The descriptions of the photos fit within the definition of lascivious exhibition of the genital or pubic area, considering the Dost factors. The photos would tend to highlight the pubic area of a 15-year-old girl dressed in leopard skin panties and a black bra or in a t-shirt and nude from the waist down; lying, sitting, or kneeling on a bed. This would be sexually suggestive, highlighting the pubic area in a setting and attire intended to elicit a sexual response in the viewer. The depictions of the girl so dressed and posed would tend to suggest a willingness to engage in sexual activity.

The plain error standard also applies to this claim of error. We are persuaded that there was sufficient evidence to support Villasenor’s conviction of possessing three or more prohibited photos. There was evidence that the photos were sexually explicit as required by the statute and that evidence is not so tenuous as to create a miscarriage of justice.

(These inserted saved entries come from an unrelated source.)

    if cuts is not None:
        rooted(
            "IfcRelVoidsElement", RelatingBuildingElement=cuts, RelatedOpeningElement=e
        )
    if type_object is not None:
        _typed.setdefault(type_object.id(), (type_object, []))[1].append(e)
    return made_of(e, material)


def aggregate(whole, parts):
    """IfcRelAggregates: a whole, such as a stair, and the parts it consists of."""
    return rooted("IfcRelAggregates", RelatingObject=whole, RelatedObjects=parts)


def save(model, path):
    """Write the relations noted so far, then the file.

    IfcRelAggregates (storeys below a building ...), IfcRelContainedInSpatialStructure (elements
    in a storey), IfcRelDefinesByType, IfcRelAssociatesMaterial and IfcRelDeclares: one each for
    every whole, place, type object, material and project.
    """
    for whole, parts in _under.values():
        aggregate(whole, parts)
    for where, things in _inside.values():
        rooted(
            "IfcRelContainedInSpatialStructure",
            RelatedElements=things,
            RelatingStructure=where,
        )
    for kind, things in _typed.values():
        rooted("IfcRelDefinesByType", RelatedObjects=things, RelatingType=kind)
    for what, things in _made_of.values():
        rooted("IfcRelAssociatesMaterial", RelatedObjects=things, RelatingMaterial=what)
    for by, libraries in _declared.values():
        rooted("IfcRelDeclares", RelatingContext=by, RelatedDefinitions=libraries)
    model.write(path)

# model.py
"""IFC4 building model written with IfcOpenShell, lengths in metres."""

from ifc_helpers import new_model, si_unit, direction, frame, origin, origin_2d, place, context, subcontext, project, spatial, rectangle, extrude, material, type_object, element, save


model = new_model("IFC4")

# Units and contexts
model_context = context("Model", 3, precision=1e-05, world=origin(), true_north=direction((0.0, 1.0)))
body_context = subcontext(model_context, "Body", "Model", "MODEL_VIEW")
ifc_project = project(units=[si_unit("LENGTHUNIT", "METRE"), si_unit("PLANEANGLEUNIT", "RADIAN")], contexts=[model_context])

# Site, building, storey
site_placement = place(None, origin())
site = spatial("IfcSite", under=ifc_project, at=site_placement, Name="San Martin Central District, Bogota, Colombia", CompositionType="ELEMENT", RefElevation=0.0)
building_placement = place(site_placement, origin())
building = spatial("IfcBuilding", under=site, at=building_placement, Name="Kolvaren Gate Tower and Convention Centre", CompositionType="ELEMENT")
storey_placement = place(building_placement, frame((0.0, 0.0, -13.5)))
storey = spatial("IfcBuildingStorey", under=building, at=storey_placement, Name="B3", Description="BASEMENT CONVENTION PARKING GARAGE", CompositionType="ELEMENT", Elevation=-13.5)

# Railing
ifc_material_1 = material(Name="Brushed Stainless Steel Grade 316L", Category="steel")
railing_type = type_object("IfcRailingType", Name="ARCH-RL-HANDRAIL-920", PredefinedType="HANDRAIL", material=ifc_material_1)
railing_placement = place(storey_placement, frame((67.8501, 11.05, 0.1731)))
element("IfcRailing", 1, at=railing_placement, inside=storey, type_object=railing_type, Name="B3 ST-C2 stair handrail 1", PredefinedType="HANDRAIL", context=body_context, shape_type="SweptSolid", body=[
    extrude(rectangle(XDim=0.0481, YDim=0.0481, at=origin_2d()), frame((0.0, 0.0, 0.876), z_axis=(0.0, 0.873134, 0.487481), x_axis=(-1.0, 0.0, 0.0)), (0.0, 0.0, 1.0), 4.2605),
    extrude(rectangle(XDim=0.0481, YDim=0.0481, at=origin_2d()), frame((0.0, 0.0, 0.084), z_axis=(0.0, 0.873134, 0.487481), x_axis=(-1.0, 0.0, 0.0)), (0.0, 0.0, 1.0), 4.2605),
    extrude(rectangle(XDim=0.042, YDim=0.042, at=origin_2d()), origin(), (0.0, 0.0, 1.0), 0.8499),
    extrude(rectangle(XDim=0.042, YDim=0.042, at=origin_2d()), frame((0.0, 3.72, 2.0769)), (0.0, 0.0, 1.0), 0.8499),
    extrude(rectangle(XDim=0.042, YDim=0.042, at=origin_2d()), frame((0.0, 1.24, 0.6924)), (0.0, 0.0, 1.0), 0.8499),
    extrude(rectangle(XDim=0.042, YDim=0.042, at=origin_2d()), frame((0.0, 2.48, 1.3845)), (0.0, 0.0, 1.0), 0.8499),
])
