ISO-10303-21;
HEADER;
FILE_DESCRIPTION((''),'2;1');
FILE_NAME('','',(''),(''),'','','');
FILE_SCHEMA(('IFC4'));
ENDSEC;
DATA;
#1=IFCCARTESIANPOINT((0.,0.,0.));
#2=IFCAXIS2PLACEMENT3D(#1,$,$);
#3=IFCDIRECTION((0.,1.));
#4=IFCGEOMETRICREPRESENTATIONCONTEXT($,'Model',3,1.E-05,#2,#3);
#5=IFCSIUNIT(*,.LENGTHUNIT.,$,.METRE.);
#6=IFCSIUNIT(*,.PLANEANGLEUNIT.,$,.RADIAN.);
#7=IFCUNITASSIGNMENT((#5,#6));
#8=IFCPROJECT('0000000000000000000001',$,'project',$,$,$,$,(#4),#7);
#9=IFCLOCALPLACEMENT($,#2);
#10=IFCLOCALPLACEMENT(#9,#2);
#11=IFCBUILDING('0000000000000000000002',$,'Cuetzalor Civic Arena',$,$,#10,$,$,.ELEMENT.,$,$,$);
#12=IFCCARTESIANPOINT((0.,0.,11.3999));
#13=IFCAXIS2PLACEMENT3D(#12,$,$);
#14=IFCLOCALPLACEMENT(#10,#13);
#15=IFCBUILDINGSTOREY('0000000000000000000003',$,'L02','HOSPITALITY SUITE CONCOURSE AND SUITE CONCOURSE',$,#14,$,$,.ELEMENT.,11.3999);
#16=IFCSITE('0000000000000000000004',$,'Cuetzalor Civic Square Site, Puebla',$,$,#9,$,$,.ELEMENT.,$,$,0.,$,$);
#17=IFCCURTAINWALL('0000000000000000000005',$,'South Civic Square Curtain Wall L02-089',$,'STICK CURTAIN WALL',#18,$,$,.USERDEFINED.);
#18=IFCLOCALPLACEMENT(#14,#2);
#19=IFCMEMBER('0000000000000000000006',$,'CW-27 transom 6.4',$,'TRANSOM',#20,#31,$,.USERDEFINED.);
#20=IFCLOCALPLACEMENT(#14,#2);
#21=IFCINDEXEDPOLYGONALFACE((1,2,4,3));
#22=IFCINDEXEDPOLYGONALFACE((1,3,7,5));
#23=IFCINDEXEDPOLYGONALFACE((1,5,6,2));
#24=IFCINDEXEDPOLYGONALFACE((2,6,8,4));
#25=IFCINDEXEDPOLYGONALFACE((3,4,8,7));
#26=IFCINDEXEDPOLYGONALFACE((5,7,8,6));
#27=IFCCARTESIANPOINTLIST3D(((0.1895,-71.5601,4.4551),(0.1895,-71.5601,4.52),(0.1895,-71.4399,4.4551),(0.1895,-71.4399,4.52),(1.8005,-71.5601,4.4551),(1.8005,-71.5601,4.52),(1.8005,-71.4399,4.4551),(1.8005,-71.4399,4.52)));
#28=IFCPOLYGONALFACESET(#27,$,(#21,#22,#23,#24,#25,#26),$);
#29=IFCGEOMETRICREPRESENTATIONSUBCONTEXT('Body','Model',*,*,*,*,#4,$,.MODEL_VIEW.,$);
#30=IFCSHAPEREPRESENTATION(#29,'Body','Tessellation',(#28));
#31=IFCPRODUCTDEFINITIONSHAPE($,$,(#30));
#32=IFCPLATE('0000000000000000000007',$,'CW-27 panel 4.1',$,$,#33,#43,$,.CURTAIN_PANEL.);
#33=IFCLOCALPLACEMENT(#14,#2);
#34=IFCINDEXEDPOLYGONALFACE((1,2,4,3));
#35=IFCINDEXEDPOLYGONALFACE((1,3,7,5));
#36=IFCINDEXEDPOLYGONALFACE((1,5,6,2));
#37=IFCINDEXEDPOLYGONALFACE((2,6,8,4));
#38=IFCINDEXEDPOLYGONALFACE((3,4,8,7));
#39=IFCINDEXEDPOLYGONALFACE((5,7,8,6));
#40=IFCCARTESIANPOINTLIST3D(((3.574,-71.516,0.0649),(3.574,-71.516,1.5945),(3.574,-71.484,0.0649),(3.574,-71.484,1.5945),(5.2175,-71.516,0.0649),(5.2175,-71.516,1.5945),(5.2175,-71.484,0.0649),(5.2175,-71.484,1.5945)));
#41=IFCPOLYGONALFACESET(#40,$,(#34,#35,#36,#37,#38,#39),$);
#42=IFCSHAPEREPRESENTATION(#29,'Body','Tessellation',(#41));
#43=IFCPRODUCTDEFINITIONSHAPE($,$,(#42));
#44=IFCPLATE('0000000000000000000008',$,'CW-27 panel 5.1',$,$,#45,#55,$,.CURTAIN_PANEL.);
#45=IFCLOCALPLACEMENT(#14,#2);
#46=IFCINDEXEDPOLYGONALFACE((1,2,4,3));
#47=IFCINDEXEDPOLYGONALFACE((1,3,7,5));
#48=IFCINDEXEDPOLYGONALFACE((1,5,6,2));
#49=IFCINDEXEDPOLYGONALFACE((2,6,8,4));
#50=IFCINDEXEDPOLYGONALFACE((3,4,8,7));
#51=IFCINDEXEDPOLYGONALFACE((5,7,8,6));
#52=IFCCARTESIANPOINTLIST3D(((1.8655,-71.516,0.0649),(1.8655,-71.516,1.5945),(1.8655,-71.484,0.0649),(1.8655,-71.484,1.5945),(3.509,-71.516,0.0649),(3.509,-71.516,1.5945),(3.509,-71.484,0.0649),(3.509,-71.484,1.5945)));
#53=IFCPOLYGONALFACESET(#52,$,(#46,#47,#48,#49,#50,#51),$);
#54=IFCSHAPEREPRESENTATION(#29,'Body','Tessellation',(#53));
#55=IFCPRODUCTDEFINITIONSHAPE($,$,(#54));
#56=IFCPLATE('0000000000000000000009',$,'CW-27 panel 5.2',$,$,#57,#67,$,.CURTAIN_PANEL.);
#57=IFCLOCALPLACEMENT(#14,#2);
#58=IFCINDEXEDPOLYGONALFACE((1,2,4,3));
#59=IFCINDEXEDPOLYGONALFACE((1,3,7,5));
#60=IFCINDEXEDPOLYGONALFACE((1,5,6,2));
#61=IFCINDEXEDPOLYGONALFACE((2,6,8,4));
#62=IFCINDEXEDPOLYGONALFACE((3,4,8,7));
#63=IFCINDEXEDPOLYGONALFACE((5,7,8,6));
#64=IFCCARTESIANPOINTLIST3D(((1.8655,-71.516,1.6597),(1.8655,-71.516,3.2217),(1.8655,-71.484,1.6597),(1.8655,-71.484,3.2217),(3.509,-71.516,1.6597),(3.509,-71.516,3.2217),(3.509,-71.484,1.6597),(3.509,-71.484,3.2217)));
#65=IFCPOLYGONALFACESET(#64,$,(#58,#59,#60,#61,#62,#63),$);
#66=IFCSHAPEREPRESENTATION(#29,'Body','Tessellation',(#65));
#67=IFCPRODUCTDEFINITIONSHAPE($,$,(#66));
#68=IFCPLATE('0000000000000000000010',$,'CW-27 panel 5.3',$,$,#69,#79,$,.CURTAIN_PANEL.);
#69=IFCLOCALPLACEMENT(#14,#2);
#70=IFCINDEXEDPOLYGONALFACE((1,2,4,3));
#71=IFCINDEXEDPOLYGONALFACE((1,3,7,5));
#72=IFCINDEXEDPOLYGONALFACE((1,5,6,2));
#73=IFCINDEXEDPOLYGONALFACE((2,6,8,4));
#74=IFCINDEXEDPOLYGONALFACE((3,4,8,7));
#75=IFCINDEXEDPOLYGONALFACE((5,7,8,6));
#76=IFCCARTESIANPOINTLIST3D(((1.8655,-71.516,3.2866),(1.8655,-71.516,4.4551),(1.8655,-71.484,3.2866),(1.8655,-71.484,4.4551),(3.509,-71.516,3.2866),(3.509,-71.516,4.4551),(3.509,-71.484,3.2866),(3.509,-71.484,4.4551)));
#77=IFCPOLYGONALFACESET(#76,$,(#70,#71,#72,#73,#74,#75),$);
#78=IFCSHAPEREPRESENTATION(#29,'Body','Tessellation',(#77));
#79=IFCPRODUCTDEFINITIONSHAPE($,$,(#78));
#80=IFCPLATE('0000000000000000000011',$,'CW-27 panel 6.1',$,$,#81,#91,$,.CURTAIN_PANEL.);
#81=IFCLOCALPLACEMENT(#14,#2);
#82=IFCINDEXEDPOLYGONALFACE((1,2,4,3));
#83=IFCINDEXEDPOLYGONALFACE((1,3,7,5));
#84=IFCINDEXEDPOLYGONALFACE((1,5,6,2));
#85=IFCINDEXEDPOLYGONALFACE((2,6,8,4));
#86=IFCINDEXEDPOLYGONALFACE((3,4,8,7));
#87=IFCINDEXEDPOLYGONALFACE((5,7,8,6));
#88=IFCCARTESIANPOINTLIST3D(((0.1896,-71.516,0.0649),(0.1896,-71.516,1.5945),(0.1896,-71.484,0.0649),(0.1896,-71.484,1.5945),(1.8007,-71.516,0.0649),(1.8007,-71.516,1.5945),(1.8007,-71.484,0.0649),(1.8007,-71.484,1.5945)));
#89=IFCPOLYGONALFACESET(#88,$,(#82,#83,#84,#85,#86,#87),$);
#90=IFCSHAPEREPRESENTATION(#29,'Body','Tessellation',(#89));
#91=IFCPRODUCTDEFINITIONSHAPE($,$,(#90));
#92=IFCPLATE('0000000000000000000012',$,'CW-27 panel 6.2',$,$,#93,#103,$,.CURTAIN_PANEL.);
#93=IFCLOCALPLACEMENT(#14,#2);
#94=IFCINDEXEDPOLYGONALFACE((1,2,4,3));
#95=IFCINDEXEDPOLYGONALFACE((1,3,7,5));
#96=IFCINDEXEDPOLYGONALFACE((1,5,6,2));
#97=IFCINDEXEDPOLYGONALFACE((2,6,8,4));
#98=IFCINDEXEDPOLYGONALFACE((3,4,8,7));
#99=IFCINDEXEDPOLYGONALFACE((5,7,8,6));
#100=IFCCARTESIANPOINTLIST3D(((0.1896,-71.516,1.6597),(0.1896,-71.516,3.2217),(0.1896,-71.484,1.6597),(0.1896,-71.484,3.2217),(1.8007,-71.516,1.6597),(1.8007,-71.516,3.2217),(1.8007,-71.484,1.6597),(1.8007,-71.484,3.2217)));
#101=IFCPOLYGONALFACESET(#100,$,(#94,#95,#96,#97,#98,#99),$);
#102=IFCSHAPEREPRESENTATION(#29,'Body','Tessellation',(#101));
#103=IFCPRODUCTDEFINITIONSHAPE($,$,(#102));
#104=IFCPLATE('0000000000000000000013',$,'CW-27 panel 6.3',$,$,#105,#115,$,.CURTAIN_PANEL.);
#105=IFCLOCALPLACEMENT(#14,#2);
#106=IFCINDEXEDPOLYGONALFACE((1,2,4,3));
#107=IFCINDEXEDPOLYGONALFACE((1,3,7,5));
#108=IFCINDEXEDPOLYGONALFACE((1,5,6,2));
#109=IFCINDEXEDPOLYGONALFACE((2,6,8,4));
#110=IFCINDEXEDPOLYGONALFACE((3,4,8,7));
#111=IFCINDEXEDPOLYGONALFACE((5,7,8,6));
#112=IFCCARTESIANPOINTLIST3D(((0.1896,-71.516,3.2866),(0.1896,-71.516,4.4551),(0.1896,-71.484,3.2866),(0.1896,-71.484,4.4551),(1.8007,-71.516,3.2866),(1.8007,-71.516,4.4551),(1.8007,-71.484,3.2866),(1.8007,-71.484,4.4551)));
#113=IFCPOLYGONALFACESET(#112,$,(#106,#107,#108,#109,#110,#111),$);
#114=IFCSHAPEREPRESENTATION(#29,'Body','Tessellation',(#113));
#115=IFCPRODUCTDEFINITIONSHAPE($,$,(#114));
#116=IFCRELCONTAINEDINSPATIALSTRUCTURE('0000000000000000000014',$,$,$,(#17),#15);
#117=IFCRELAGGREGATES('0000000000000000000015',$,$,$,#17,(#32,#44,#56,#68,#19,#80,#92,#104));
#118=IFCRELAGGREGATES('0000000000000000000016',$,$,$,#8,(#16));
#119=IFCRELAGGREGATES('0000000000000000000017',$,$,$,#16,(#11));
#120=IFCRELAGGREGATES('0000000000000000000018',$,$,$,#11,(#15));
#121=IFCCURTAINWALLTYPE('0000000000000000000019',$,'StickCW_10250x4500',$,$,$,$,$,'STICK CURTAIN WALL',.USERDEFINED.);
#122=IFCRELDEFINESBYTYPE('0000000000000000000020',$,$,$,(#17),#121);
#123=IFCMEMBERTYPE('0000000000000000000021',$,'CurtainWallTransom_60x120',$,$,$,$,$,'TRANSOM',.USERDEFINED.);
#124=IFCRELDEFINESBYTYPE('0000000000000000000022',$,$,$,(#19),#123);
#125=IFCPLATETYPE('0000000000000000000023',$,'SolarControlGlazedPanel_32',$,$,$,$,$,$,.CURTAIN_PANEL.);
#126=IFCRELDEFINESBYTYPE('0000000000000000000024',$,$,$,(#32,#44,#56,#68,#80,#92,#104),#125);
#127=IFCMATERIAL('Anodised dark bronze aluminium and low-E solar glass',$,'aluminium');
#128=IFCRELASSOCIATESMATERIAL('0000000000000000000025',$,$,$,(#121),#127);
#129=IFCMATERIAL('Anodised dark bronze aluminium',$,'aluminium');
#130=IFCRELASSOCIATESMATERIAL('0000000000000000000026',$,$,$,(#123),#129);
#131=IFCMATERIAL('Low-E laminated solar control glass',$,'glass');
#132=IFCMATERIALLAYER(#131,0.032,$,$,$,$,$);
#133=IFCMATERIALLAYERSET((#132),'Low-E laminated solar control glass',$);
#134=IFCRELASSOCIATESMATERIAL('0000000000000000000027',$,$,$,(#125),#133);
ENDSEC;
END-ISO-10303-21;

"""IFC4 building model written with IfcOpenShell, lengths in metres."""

from ifc_helpers import new_model, si_unit, direction, frame, origin, origin_2d, place, context, subcontext, project, spatial, rectangle, extrude, material, layer, layer_set, material_profile, profile_set, type_object, element, aggregate, save


model = new_model("IFC4")

# Units and contexts
model_context = context("Model", 3, precision=1e-05, world=origin(), true_north=direction((0.0, 1.0)))
body_context = subcontext(model_context, "Body", "Model", "MODEL_VIEW")
ifc_project = project(units=[si_unit("LENGTHUNIT", "METRE"), si_unit("PLANEANGLEUNIT", "RADIAN")], contexts=[model_context])

# Site, building, storey
site_placement = place(None, origin())
site = spatial("IfcSite", under=ifc_project, at=site_placement, Name="Cuetzalor Civic Square Site, Puebla", CompositionType="ELEMENT", RefElevation=0.0)
building_placement = place(site_placement, origin())
building = spatial("IfcBuilding", under=site, at=building_placement, Name="Cuetzalor Civic Arena", CompositionType="ELEMENT")
storey_placement = place(building_placement, frame((0.0, 0.0, 11.3999)))
storey = spatial("IfcBuildingStorey", under=building, at=storey_placement, Name="L02", Description="HOSPITALITY SUITE CONCOURSE AND SUITE CONCOURSE", CompositionType="ELEMENT", Elevation=11.3999)

# Shared definitions
ifc_material_1 = material(Name="Anodised dark bronze aluminium and low-E solar glass", Category="aluminium")
curtain_wall_type = type_object("IfcCurtainWallType", Name="StickCW_10250x4500", ElementType="STICK CURTAIN WALL", PredefinedType="USERDEFINED", material=ifc_material_1)

# Curtain wall
curtain_wall_1_placement = place(storey_placement, origin())
curtain_wall_1 = element("IfcCurtainWall", 1, at=curtain_wall_1_placement, inside=storey, type_object=curtain_wall_type, Name="South Civic Square Curtain Wall L02-089", ObjectType="STICK CURTAIN WALL", PredefinedType="USERDEFINED")

# Member
ifc_material_2 = material(Name="Anodised dark bronze aluminium", Category="aluminium")
ifc_material_profile_1 = material_profile(ifc_material_2, rectangle(XDim=0.1201, YDim=0.0649, at=origin_2d()), Name="ALU TRANSOM 65x120")
ifc_profile_set_1 = profile_set([ifc_material_profile_1], Name="Anodised dark bronze aluminium")
member_type_1 = type_object("IfcMemberType", Name="CurtainWallTransom_60x120", ElementType="TRANSOM", PredefinedType="USERDEFINED", material=ifc_profile_set_1)
member_1_placement = place(storey_placement, frame((1.8005, -71.5, 4.4875), z_axis=(-1.0, 0.0, 0.0), x_axis=(0.0, -1.0, 0.0)))
member_1 = element("IfcMember", 2, at=member_1_placement, type_object=member_type_1, Name="CW-27 transom 6.4", ObjectType="TRANSOM", PredefinedType="USERDEFINED", context=body_context, shape_type="SweptSolid", body=[
    extrude(rectangle(XDim=0.1201, YDim=0.0649, at=origin_2d()), origin(), (0.0, 0.0, 1.0), 1.6111),
])

# Plates
ifc_material_3 = material(Name="Low-E laminated solar control glass", Category="glass")
ifc_layer = layer(ifc_material_3, 0.032)
ifc_layer_set = layer_set([ifc_layer], Name="Low-E laminated solar control glass")
plate_type = type_object("IfcPlateType", Name="SolarControlGlazedPanel_32", PredefinedType="CURTAIN_PANEL", material=ifc_layer_set)
plate_1_placement = place(storey_placement, frame((4.3958, -71.5, 0.0649), z_axis=(0.0, 0.0, 1.0), x_axis=(-1.0, 0.0, 0.0)))
plate_1 = element("IfcPlate", 3, at=plate_1_placement, type_object=plate_type, Name="CW-27 panel 4.1", PredefinedType="CURTAIN_PANEL", context=body_context, shape_type="SweptSolid", body=[
    extrude(rectangle(XDim=1.6436, YDim=0.032, at=origin_2d()), origin(), (0.0, 0.0, 1.0), 1.5295),
])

In sum, Villasenor presents an as-applied challenge to the statute that has been resolved by United States v. Kallestad. Under the plain error standard, there was sufficient evidence to prove that he constructively possessed the photos and that the photos were sexually explicit.

AFFIRMED.

. Judge Jolly dissented in Kallestad.

. See United States v. McCarty, 36 F.3d 1349, 1358 (5th Cir.1994).

.Id. (quoting United States v. Pierre, 958 F.2d 1304, 1310 (5th Cir.1992)(en banc)).

. United. States v. De Leon, 170 F.3d 494, 496 (5th Cir.1999).

. See United States v. Layne, 43 F.3d 127, 131 (5th Cir.1995).

. United States v. Littrell, 574 F.2d 828, 834 (5th Cir.1978).

. See Pub.L. 105-314, Title II, §§ 202(a), 203(a), Oct. 30, 1998, 112 Slat. 2977, 2978.

. 636 F.Supp. 828, 832 (S.D.Cal.1986), aff'd sub. nom. United States v. Wiegand, 812 F.2d 1239 (9th Cir.1987).

. 834 F.2d 442, 448 (5th Cir.1987).

. Rubio, 834 F.2d at 448.






Dissenting Opinion

E. GRADY JOLLY, Circuit Judge,

dissenting:

I respectfully dissent for the reasons stated in my dissent in USA v. Kallestad.